Ultrathin Zirconium Hydroxide Nanosheet-Assembled Nanofibrous Membranes for Rapid Degradation of Chemical Warfare Agents

Organophosphorus-based chemical warfare agents (CWAs) are highly poisonous, and recent attacks using nerve agents have stimulated researchers to develop breakthrough materials for their fast degradation. Zr-based materials have been identified as the most effective catalysts for breaking down CWAs, but in their powdered form, their practical application in personal protective equipment is limited. Herein, a surface-confined strategy for the direct growth of vertically aligned zirconium hydroxide (Zr(OH)(4)) nanosheets with ultrathin and tortuous structures on nanofibers is reported. The freestanding Zr(OH)(4) nanosheet-assembled nanofibrous membranes (NANMs) show superior catalytic performance to degrade dimethyl methylphosphonate, a nerve agent simulant, with a half-life of 4 min. In addition, intriguing membrane-type NANMs feature integrated properties of exceptional breathability, prominent flexibility, and robust fatigue resistance over one million buckling loads.
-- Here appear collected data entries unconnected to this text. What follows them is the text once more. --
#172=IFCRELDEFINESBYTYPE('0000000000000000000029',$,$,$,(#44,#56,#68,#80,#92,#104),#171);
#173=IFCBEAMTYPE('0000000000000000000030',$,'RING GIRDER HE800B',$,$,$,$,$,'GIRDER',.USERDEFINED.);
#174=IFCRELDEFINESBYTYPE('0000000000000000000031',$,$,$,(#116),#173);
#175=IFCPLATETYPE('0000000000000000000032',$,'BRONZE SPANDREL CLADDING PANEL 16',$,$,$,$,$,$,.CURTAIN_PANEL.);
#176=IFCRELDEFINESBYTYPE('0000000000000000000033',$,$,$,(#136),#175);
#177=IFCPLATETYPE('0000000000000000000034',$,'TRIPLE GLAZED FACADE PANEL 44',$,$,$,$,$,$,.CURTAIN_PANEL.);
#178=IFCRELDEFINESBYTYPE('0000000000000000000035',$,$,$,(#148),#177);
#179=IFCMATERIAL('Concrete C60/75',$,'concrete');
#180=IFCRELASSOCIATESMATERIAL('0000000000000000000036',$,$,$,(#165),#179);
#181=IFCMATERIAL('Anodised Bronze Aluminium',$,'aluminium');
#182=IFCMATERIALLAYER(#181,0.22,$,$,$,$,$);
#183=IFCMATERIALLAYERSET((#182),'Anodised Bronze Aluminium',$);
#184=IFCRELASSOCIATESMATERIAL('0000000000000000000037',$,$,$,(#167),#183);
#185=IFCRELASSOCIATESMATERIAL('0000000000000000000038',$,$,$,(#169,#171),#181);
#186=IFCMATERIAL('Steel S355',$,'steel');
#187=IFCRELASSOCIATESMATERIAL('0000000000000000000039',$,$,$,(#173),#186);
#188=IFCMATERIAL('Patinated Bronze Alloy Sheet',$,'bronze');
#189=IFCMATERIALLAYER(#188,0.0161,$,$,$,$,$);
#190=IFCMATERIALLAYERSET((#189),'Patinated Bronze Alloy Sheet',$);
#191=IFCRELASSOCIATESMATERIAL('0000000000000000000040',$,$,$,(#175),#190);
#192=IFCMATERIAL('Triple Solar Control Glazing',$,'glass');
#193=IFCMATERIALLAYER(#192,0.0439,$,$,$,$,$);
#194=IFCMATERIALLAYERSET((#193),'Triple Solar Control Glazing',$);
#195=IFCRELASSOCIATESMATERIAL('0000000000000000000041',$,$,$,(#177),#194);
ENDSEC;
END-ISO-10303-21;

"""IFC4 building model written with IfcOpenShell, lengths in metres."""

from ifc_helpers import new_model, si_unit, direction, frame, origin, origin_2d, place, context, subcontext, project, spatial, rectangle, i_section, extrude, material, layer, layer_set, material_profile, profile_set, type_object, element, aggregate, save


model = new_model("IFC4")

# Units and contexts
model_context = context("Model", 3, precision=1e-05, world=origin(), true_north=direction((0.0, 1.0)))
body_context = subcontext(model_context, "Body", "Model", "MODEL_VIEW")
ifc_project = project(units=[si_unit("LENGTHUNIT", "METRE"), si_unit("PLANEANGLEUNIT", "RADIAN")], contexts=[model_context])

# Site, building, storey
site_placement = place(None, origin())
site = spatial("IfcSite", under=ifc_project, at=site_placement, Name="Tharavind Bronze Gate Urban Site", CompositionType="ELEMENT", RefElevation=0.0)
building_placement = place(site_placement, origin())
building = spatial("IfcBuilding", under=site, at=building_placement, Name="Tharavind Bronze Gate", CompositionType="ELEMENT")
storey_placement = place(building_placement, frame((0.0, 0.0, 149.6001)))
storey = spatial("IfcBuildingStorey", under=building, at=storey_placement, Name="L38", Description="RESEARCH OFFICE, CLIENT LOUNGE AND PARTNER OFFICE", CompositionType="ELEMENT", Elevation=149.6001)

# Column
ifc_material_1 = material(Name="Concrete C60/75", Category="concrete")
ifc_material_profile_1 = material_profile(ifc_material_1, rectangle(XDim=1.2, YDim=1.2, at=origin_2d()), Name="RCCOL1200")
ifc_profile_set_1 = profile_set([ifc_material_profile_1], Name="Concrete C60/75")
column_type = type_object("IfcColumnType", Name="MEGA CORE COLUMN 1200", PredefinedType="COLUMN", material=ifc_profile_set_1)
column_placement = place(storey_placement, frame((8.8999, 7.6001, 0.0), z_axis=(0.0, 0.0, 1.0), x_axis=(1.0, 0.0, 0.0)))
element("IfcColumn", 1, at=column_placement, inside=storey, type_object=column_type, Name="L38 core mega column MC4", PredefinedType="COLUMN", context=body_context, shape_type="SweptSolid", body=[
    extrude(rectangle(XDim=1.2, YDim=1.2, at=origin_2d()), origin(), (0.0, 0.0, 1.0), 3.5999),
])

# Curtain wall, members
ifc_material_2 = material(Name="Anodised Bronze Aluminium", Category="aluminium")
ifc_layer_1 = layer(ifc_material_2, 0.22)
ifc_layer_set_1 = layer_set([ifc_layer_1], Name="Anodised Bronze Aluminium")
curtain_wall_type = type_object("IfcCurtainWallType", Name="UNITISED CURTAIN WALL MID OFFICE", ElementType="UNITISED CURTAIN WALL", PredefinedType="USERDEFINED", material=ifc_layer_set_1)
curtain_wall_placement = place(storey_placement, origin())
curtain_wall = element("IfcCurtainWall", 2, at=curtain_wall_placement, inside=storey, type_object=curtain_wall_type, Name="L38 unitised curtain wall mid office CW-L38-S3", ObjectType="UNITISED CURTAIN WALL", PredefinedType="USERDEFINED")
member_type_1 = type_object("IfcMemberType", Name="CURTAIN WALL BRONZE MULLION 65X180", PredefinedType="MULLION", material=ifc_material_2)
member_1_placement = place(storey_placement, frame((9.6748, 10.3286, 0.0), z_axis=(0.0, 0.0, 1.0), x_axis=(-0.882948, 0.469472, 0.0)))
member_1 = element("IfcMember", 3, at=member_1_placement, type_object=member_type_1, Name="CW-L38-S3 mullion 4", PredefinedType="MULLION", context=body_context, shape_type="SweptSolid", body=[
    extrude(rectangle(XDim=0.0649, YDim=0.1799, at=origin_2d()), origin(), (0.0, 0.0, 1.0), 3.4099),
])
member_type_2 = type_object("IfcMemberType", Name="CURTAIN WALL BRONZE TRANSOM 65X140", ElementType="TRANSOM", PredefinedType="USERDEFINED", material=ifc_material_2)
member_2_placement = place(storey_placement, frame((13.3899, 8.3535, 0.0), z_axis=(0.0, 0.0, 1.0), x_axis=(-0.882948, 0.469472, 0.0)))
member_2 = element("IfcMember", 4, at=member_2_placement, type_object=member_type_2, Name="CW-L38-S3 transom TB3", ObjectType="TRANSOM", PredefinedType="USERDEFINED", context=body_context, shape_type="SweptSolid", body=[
This facile strategy provides a novel route to manufacture new classes of nanosheet-supported membranes for chemical-protective materials, in particular for gas filters, protective suits, and clothing.

Automated summary

A surface-confined strategy for the direct growth of vertically aligned zirconium hydroxide nanosheets on nanofibers was reported, showing superior catalytic performance to degrade nerve agent simulants. The resulting membrane-type nanofibrous membranes exhibit integrated properties of exceptional breathability, flexibility, and fatigue resistance, providing a novel route for manufacturing new classes of nanosheet-supported membranes for chemical-protective materials.